Understanding Two Heaps - Complete Reasoning
The Core Idea:
PRINCIPLE: Divide and Conquer the Data
═══════════════════════════════════════════════════════════════
Concept: Split all numbers into two halves
LEFT HALF RIGHT HALF
(smaller values) (larger values)
─────────── ───────────
stored in stored in
MAX-HEAP MIN-HEAP
(largest on top) (smallest on top)
Properties maintained:
1. All values in left ≤ all values in right
2. Sizes differ by at most 1
3. If sizes equal: median = (max(left) + min(right)) / 2
4. If sizes differ: median = top of larger heap
═══════════════════════════════════════════════════════════════
WHY Max-Heap for Left and Min-Heap for Right?
═══════════════════════════════════════════════════════════════
Left half (smaller values):
Need: Maximum value (closest to median)
Use: MAX-HEAP (max on top) ✓
Right half (larger values):
Need: Minimum value (closest to median)
Use: MIN-HEAP (min on top) ✓
Example:
Numbers: [1, 2, 3, 4, 5]
Left (max-heap): [1, 2, 3] → top = 3
Right (min-heap): [4, 5] → top = 4
Median (odd count): 3 (from left)
The two heap tops give us the median! ✓
═══════════════════════════════════════════════════════════════
INVARIANT: Balanced Heaps
═══════════════════════════════════════════════════════════════
We maintain:
|size(left) - size(right)| ≤ 1
Why?
So median is always at the "boundary"
If equal sizes: median = average of tops
If left bigger: median = left top
If right bigger: median = right top (we'll use left bigger)
═══════════════════════════════════════════════════════════════
ADD ALGORITHM
═══════════════════════════════════════════════════════════════
Strategy:
1. Add to appropriate heap
2. Rebalance if needed
Detailed steps:
Step 1: Choose heap
If left empty OR num ≤ left.top:
Add to left (smaller values)
Else:
Add to right (larger values)
Step 2: Rebalance
If left.size > right.size + 1:
Move left.top to right
Else if right.size > left.size:
Move right.top to left
Result: Always balanced! ✓
═══════════════════════════════════════════════════════════════
FIND MEDIAN ALGORITHM
═══════════════════════════════════════════════════════════════
Check sizes:
If left.size > right.size:
Median = left.top (odd count, extra in left)
Else:
Median = (left.top + right.top) / 2.0 (even count)
O(1) operation! ✓
Visual Tracking - Complete Example with Detailed Execution
Operations: add(1), add(2), findMedian(), add(3), findMedian()
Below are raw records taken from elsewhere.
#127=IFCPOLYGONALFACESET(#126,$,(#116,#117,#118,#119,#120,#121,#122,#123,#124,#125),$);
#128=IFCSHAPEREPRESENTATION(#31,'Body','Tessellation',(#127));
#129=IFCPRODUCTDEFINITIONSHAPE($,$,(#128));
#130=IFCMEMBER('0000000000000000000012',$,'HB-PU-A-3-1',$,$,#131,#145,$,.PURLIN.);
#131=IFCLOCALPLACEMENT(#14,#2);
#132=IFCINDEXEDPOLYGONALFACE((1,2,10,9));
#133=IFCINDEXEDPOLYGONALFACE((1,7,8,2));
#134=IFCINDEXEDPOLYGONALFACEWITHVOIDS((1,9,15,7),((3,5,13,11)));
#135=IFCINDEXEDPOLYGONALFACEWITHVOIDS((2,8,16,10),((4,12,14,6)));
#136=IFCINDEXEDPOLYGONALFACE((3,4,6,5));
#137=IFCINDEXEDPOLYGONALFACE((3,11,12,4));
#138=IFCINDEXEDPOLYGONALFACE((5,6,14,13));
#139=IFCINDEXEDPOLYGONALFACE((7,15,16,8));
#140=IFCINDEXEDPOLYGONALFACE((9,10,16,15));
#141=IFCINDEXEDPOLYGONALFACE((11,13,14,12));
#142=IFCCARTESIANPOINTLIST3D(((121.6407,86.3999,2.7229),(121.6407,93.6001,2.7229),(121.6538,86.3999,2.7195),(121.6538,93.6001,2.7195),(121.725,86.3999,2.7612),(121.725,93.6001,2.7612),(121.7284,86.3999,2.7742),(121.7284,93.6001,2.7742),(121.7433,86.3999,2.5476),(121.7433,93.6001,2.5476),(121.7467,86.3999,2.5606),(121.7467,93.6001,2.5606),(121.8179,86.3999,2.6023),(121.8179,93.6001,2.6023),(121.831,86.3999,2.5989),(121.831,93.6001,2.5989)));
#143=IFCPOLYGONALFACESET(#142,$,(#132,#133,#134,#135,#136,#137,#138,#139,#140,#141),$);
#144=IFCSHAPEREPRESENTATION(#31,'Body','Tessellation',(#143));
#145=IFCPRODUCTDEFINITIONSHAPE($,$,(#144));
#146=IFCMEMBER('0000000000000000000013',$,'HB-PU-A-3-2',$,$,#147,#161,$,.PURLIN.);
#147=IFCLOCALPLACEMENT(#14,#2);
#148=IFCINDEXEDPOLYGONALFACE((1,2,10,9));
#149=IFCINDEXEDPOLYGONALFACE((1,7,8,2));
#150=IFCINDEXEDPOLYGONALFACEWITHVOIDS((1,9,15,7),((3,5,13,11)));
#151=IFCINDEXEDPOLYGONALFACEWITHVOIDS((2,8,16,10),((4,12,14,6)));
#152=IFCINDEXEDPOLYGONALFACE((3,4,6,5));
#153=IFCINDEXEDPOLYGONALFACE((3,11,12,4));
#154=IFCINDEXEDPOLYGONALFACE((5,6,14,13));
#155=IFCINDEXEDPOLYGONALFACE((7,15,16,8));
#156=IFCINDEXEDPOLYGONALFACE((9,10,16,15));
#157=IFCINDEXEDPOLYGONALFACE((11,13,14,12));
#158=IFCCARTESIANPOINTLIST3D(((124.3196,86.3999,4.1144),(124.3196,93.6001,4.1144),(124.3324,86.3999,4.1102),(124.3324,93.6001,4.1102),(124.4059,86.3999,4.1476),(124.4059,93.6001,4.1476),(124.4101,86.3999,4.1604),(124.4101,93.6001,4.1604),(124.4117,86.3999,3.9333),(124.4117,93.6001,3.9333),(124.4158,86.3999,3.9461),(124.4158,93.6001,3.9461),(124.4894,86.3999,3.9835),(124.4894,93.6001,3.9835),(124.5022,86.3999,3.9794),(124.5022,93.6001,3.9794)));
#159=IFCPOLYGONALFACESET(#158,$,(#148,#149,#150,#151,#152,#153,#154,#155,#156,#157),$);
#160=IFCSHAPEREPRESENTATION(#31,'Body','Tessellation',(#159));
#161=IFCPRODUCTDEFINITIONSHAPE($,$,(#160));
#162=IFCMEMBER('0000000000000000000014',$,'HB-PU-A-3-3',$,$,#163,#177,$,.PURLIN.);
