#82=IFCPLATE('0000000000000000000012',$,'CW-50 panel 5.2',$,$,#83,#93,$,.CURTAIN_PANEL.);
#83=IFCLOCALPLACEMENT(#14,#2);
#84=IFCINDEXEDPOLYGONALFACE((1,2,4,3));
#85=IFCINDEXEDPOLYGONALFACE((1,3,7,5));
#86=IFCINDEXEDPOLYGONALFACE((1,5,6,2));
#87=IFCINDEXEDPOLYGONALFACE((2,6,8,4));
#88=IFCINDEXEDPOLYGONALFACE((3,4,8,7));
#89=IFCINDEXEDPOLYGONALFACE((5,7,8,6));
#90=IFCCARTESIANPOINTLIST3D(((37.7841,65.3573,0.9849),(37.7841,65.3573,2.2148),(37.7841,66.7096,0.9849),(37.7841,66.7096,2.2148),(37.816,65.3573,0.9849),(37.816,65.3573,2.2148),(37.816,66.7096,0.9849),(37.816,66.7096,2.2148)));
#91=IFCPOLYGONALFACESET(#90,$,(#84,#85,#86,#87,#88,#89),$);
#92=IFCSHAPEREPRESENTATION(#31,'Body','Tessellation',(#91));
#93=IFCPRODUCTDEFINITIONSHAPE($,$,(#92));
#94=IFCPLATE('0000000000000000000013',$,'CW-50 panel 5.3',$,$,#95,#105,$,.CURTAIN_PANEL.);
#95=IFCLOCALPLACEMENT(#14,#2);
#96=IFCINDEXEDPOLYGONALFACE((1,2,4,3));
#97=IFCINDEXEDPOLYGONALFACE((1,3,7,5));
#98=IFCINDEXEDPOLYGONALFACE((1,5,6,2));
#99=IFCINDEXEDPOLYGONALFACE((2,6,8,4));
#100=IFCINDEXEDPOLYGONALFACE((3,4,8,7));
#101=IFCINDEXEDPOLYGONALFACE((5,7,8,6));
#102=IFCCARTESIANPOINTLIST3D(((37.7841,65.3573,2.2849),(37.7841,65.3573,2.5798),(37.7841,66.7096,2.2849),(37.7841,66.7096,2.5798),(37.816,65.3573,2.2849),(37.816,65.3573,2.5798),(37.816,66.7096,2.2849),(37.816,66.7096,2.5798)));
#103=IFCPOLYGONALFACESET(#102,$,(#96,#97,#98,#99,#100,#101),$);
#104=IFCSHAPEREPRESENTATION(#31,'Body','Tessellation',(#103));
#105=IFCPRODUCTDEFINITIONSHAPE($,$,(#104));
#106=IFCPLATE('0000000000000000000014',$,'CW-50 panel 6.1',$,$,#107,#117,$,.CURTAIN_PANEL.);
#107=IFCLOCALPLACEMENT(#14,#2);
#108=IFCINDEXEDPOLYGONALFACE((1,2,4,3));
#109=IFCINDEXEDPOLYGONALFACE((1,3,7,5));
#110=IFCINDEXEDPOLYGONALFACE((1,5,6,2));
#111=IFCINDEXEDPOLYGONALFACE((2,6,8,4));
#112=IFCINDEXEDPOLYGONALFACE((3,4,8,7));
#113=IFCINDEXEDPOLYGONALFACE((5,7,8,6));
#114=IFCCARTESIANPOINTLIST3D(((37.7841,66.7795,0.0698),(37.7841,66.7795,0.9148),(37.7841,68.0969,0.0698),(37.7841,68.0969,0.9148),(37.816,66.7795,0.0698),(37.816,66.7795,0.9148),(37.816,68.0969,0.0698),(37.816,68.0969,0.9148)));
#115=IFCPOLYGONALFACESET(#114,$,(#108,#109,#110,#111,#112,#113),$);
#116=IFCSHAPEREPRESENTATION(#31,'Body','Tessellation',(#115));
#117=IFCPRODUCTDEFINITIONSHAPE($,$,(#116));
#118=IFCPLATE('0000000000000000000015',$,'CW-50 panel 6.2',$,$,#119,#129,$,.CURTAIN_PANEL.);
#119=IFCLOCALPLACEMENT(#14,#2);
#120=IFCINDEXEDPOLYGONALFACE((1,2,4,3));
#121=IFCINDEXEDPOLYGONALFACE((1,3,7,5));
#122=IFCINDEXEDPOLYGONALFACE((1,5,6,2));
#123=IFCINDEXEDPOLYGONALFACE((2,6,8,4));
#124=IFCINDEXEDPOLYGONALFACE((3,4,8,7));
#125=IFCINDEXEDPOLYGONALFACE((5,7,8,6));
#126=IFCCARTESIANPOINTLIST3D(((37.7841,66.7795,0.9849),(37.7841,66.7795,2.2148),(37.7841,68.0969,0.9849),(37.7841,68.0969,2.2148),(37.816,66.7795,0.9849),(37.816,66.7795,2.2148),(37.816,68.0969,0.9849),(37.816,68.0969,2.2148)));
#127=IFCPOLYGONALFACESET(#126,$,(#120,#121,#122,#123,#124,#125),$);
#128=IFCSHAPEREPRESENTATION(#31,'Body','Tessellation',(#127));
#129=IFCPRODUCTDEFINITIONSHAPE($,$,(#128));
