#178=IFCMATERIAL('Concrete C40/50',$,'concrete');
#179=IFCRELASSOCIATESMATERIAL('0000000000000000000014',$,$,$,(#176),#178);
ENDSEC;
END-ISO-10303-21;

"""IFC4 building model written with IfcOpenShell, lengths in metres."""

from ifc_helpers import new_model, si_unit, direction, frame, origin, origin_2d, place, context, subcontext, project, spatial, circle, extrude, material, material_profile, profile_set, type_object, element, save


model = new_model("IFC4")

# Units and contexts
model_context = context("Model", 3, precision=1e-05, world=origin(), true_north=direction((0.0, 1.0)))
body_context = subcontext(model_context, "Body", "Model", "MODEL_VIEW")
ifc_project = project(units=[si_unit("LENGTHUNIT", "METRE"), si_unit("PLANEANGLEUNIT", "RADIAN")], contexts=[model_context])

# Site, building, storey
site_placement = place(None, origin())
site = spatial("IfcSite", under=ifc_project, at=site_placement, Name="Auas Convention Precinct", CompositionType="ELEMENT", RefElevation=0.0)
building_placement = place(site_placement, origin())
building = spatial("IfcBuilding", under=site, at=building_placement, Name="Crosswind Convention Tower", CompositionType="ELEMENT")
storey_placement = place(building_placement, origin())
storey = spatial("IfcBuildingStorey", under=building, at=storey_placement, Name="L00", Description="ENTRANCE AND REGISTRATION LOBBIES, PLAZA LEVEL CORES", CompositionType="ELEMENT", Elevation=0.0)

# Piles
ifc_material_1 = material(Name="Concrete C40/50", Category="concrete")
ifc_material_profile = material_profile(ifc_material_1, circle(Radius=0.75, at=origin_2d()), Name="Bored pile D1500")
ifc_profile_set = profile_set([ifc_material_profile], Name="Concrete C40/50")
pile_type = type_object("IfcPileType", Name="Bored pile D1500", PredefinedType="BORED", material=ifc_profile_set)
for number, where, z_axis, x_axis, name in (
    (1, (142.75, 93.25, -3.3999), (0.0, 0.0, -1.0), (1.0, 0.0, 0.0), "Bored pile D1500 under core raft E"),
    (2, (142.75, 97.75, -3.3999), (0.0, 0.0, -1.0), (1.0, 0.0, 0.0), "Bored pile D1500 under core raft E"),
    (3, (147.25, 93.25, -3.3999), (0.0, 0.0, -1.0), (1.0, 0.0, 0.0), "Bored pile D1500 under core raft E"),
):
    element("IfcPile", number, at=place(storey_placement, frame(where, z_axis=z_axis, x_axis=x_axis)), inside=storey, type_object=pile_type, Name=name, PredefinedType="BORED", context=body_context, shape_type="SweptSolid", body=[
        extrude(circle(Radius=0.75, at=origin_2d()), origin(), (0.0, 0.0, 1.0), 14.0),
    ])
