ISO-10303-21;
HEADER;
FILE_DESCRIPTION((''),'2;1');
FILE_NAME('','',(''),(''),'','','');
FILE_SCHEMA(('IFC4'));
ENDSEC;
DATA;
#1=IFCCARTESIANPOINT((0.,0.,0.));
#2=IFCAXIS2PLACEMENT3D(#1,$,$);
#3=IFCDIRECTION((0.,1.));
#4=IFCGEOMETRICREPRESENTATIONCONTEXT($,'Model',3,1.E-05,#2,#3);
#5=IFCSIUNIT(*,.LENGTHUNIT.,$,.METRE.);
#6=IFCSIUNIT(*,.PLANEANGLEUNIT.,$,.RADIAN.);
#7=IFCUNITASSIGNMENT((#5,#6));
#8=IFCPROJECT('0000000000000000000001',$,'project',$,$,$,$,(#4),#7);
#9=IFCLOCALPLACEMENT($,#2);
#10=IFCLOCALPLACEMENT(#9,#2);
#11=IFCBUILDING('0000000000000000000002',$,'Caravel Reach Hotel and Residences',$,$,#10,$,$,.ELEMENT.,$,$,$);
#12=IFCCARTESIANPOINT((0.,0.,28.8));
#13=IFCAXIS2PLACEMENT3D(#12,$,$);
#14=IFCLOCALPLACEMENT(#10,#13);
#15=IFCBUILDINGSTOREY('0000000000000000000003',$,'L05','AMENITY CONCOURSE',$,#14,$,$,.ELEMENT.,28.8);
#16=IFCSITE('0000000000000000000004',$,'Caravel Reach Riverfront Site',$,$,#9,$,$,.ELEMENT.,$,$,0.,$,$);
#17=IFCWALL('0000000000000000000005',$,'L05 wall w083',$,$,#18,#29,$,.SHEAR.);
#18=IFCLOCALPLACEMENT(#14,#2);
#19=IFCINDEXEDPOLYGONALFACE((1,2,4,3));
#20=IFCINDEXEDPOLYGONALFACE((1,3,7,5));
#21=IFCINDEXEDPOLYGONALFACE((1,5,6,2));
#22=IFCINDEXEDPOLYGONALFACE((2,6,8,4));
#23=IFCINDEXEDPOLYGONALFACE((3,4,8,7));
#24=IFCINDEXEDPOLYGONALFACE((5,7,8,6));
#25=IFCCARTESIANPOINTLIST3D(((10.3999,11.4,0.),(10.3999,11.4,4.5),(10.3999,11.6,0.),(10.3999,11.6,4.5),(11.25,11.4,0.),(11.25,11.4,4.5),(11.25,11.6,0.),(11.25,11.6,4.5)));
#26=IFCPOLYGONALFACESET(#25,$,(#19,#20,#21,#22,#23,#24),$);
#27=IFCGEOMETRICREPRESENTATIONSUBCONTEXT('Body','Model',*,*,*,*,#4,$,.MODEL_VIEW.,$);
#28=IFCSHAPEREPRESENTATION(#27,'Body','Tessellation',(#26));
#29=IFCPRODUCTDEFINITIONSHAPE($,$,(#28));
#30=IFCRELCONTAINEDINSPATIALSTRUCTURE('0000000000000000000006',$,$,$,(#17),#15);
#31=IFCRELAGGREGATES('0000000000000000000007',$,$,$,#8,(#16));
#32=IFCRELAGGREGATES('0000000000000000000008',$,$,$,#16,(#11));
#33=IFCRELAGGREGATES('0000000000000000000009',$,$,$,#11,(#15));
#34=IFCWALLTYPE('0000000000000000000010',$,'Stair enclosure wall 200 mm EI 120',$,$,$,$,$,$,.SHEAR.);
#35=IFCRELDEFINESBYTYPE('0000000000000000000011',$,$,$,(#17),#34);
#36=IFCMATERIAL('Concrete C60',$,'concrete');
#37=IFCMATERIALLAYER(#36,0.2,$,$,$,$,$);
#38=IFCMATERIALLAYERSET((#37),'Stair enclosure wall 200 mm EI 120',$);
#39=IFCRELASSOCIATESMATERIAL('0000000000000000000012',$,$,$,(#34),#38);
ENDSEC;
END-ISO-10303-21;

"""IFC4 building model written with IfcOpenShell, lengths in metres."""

from ifc_helpers import new_model, si_unit, direction, frame, frame_2d, origin, place, context, subcontext, project, spatial, rectangle, extrude, material, layer, layer_set, type_object, element, save


model = new_model("IFC4")

# Units and contexts
model_context = context("Model", 3, precision=1e-05, world=origin(), true_north=direction((0.0, 1.0)))
body_context = subcontext(model_context, "Body", "Model", "MODEL_VIEW")
ifc_project = project(units=[si_unit("LENGTHUNIT", "METRE"), si_unit("PLANEANGLEUNIT", "RADIAN")], contexts=[model_context])

# Site, building, storey
site_placement = place(None, origin())
site = spatial("IfcSite", under=ifc_project, at=site_placement, Name="Caravel Reach Riverfront Site", CompositionType="ELEMENT", RefElevation=0.0)
building_placement = place(site_placement, origin())
building = spatial("IfcBuilding", under=site, at=building_placement, Name="Caravel Reach Hotel and Residences", CompositionType="ELEMENT")
storey_placement = place(building_placement, frame((0.0, 0.0, 28.8)))
storey = spatial("IfcBuildingStorey", under=building, at=storey_placement, Name="L05", Description="AMENITY CONCOURSE", CompositionType="ELEMENT", Elevation=28.8)

# Wall
ifc_material_1 = material(Name="Concrete C60", Category="concrete")
ifc_layer_1 = layer(ifc_material_1, 0.2)
ifc_layer_set_1 = layer_set([ifc_layer_1], Name="Stair enclosure wall 200 mm EI 120")
wall_type_1 = type_object("IfcWallType", Name="Stair enclosure wall 200 mm EI 120", PredefinedType="SHEAR", material=ifc_layer_set_1)
wall_1_placement = place(storey_placement, frame((10.3999, 11.5, 0.0), z_axis=(0.0, 0.0, 1.0), x_axis=(1.0, 0.0, 0.0)))
element("IfcWall", 1, at=wall_1_placement, inside=storey, type_object=wall_type_1, Name="L05 wall w083", PredefinedType="SHEAR", context=body_context, shape_type="SweptSolid", body=[
    extrude(rectangle(XDim=0.8501, YDim=0.2, at=frame_2d((0.425, 0.0))), origin(), (0.0, 0.0, 1.0), 4.5),
])

save(model, "model.ifc")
═══════════════════════════════════════════════════════════════
INITIAL STATE
═══════════════════════════════════════════════════════════════
Left (max-heap): []
Right (min-heap): []
═══════════════════════════════════════════════════════════════
add(1)
═══════════════════════════════════════════════════════════════
Step 1: Choose heap
Left empty? YES
Add to left
Left: [1]
Right: []
Step 2: Check balance
left.size = 1
right.size = 0
1 > 0 + 1? NO
Balanced! ✓
State:
Left (max-heap): [1] ← top = 1
Right (min-heap): []
═══════════════════════════════════════════════════════════════
add(2)
═══════════════════════════════════════════════════════════════
Step 1: Choose heap
Left empty? NO
2 ≤ left.top (1)? NO
Add to right
Left: [1]
Right: [2]
Step 2: Check balance
left.size = 1
right.size = 1
Balanced! ✓
State:
Left (max-heap): [1] ← top = 1
Right (min-heap): [2] ← top = 2
Visual:
[1] | [2]
↑ ↑
max min
(smaller) | (larger)
═══════════════════════════════════════════════════════════════
findMedian()
═══════════════════════════════════════════════════════════════
Sizes: left = 1, right = 1 (equal)
Median = (left.top + right.top) / 2
= (1 + 2) / 2
= 1.5 ✓
═══════════════════════════════════════════════════════════════
add(3)
═══════════════════════════════════════════════════════════════
Step 1: Choose heap
Left empty? NO
3 ≤ left.top (1)? NO
Add to right
Left: [1]
Right: [2, 3] → min-heap, so 2 on top
Step 2: Check balance
left.size = 1
right.size = 2
right.size > left.size? YES (2 > 1)
REBALANCE: Move right.top to left
Remove from right: 2
Add to left: 2
Left: [1, 2] → max-heap, so 2 on top
Right: [3]
State after rebalance:
Left (max-heap): [2, 1] ← top = 2
2
/
1
Right (min-heap): [3] ← top = 3
Visual:
[1, 2] | [3]
↑ ↑
max min
═══════════════════════════════════════════════════════════════
findMedian()
═══════════════════════════════════════════════════════════════
Sizes: left = 2, right = 1
left.size > right.size? YES
Median = left.top
= 2.0 ✓
═══════════════════════════════════════════════════════════════
SUMMARY OF STATE TRANSITIONS
═══════════════════════════════════════════════════════════════
add(1):
Left: [1] | Right: []
add(2):
Left: [1] | Right: [2]
add(3):
Before rebalance: Left: [1] | Right: [2,3]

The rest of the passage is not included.